Files in this item
|(no description provided)|
|Title:||The Conversations of Female Friends at Three Ages: The Importance of Fantasy, Gossip, and Self-Disclosure|
|Author(s):||Mettetal, Gwendolyn Wallace|
|Department / Program:||Psychology|
|Degree Granting Institution:||University of Illinois at Urbana-Champaign|
|Abstract:||Our knowledge of children's friendships is still quite limited. The purpose of this study was to sample the natural conversations of friends of ages spanning the school-age years to provide a description of the conversational content. Fantasy, gossip, and self-disclosure were hypothesized to be important content areas for 6 to 7 year-old friends, 11 to 12 year-old friends, and 16 to 17 year-old friends, respectively.
A total of 45 pairs of girls filled the cells of the 2 (acquaintance: best friend vs. acquaintance) x 3 (age: young vs. middle vs. old) design. Girls were randomly paired with their best friend or an acquaintance and videotaped during a half hour unstructured conversation in the laboratory. These conversations were coded using the content categories of fantasy, activity talk, several types of gossip, high and low intimacy self-disclosure, and miscellaneous talk. Each segment of conversation was also given a positive or negative evaluation code, to reflect the overall tone of the interaction during that segment.
Activity talk, rather than fantasy, was more common in friends than acquaintances and decreased with age. Both categories are compatible with the young child's concept of a friend as a playmate. The lack of fantasy may have been due to the confinements of the laboratory. Gossip was hypothesized to be important in the middle (11 to 12) friends' conversations, but friends and acquaintances gossiped equally.

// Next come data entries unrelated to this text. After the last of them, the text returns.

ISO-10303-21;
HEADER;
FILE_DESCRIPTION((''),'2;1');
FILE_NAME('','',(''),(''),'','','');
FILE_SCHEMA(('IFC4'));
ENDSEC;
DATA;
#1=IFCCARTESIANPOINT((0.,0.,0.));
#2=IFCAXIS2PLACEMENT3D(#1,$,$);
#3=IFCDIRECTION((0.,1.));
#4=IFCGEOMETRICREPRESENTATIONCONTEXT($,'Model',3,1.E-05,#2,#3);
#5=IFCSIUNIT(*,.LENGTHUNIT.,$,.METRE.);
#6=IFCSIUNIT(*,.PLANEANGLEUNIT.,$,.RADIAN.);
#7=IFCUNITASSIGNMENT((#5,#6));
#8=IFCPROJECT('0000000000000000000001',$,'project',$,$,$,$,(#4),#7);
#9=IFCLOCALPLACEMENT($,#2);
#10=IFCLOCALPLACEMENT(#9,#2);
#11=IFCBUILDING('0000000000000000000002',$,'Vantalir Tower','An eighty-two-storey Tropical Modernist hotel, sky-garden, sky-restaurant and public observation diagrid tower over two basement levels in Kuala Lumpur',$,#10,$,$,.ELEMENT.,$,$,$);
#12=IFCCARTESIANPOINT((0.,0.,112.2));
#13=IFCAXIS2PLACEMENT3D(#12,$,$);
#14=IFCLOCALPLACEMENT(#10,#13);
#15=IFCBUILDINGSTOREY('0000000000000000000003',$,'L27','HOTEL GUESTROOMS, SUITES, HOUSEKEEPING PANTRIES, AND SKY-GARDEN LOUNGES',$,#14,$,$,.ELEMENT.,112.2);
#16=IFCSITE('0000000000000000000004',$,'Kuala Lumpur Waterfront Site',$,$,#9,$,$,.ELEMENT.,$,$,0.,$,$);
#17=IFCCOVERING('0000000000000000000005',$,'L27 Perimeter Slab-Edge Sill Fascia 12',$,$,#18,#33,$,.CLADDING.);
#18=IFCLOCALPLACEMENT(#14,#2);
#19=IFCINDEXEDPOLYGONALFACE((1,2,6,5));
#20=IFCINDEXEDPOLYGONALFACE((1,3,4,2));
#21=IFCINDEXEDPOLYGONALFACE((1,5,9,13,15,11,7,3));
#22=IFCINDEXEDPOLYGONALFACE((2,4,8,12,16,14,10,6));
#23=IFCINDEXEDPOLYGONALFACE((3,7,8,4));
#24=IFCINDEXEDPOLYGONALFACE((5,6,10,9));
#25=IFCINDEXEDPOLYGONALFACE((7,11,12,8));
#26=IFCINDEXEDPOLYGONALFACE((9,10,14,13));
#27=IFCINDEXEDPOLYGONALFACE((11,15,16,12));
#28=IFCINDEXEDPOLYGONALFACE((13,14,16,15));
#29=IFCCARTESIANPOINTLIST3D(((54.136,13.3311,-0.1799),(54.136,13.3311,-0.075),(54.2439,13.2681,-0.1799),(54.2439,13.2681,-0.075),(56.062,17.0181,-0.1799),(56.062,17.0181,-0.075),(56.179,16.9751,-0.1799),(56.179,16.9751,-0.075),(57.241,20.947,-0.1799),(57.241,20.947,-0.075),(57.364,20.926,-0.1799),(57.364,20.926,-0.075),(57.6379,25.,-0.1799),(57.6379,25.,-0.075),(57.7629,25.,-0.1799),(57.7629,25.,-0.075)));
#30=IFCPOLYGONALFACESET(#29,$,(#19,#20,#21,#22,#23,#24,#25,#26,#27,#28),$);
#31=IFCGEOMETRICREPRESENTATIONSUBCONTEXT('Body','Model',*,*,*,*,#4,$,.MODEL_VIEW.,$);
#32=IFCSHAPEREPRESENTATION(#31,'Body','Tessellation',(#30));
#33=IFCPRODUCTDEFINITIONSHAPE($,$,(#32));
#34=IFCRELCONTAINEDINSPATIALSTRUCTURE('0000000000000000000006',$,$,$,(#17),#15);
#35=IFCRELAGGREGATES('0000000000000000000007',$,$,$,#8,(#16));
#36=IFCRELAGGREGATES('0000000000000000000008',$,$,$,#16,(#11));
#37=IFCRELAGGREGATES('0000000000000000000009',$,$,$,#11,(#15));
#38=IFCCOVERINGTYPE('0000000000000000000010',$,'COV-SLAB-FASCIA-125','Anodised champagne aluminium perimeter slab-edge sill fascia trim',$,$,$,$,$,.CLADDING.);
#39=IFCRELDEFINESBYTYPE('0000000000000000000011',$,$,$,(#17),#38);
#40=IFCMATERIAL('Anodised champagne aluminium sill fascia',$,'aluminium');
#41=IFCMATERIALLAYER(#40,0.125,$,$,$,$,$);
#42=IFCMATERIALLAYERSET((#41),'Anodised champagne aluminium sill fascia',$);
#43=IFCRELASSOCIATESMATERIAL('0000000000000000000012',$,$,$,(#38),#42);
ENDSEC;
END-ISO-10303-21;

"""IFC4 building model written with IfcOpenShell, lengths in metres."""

from ifc_helpers import new_model, si_unit, direction, frame, origin, place, context, subcontext, project, spatial, polyline, outline, extrude, material, layer, layer_set, type_object, element, save


model = new_model("IFC4")

# Units and contexts
model_context = context("Model", 3, precision=1e-05, world=origin(), true_north=direction((0.0, 1.0)))
body_context = subcontext(model_context, "Body", "Model", "MODEL_VIEW")
ifc_project = project(units=[si_unit("LENGTHUNIT", "METRE"), si_unit("PLANEANGLEUNIT", "RADIAN")], contexts=[model_context])

# Site, building, storey
site_placement = place(None, origin())
site = spatial("IfcSite", under=ifc_project, at=site_placement, Name="Kuala Lumpur Waterfront Site", CompositionType="ELEMENT", RefElevation=0.0)
building_placement = place(site_placement, origin())
building = spatial("IfcBuilding", under=site, at=building_placement, Name="Vantalir Tower", Description="An eighty-two-storey Tropical Modernist hotel, sky-garden, sky-restaurant and public observation diagrid tower over two basement levels in Kuala Lumpur", CompositionType="ELEMENT")
storey_placement = place(building_placement, frame((0.0, 0.0, 112.2)))
storey = spatial("IfcBuildingStorey", under=building, at=storey_placement, Name="L27", Description="HOTEL GUESTROOMS, SUITES, HOUSEKEEPING PANTRIES, AND SKY-GARDEN LOUNGES", CompositionType="ELEMENT", Elevation=112.2)

# Covering
ifc_material_1 = material(Name="Anodised champagne aluminium sill fascia", Category="aluminium")
ifc_layer_1 = layer(ifc_material_1, 0.125)
ifc_layer_set_1 = layer_set([ifc_layer_1], Name="Anodised champagne aluminium sill fascia")
covering_type = type_object("IfcCoveringType", Name="COV-SLAB-FASCIA-125", Description="Anodised champagne aluminium perimeter slab-edge sill fascia trim", PredefinedType="CLADDING", material=ifc_layer_set_1)
covering_1_placement = place(storey_placement, frame((0.0, 0.0, -0.1799)))
element("IfcCovering", 1, at=covering_1_placement, inside=storey, type_object=covering_type, Name="L27 Perimeter Slab-Edge Sill Fascia 12", PredefinedType="CLADDING", context=body_context, shape_type="SweptSolid", body=[
    extrude(outline(polyline([(54.2439, 13.2681), (56.179, 16.9751), (57.364, 20.926), (57.7629, 25.0), (57.6379, 25.0), (57.241, 20.947), (56.062, 17.0181), (54.136, 13.3311), (54.2439, 13.2681)])), origin(), (0.0, 0.0, 1.0), 0.105),
])

save(model, "model.ifc")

In age trends, there was a shift in the major type of conversation from activity talk in the young children to gossip and low intimacy disclosure in the middle and old groups. This may be due to an increased interest in the psychological aspects of self and other, and a view of talking itself ("just talking") as a shared activity. High intimacy disclosure increased with age and was more common in friends, supporting social penetration theory, at least in adolescent females.
A general model of friendship was proposed that includes some variables that are present in all friendships, such as feelings of intimacy and affection, and responsive behavior. Other variables, such as concepts of friendship and the particular content of conversations, may be affected by age, sex, and culture. Exploratory descriptive research from an interdisciplinary perspective was suggested.
Thesis (Ph.D.)--University of Illinois at Urbana-Champaign, 1982.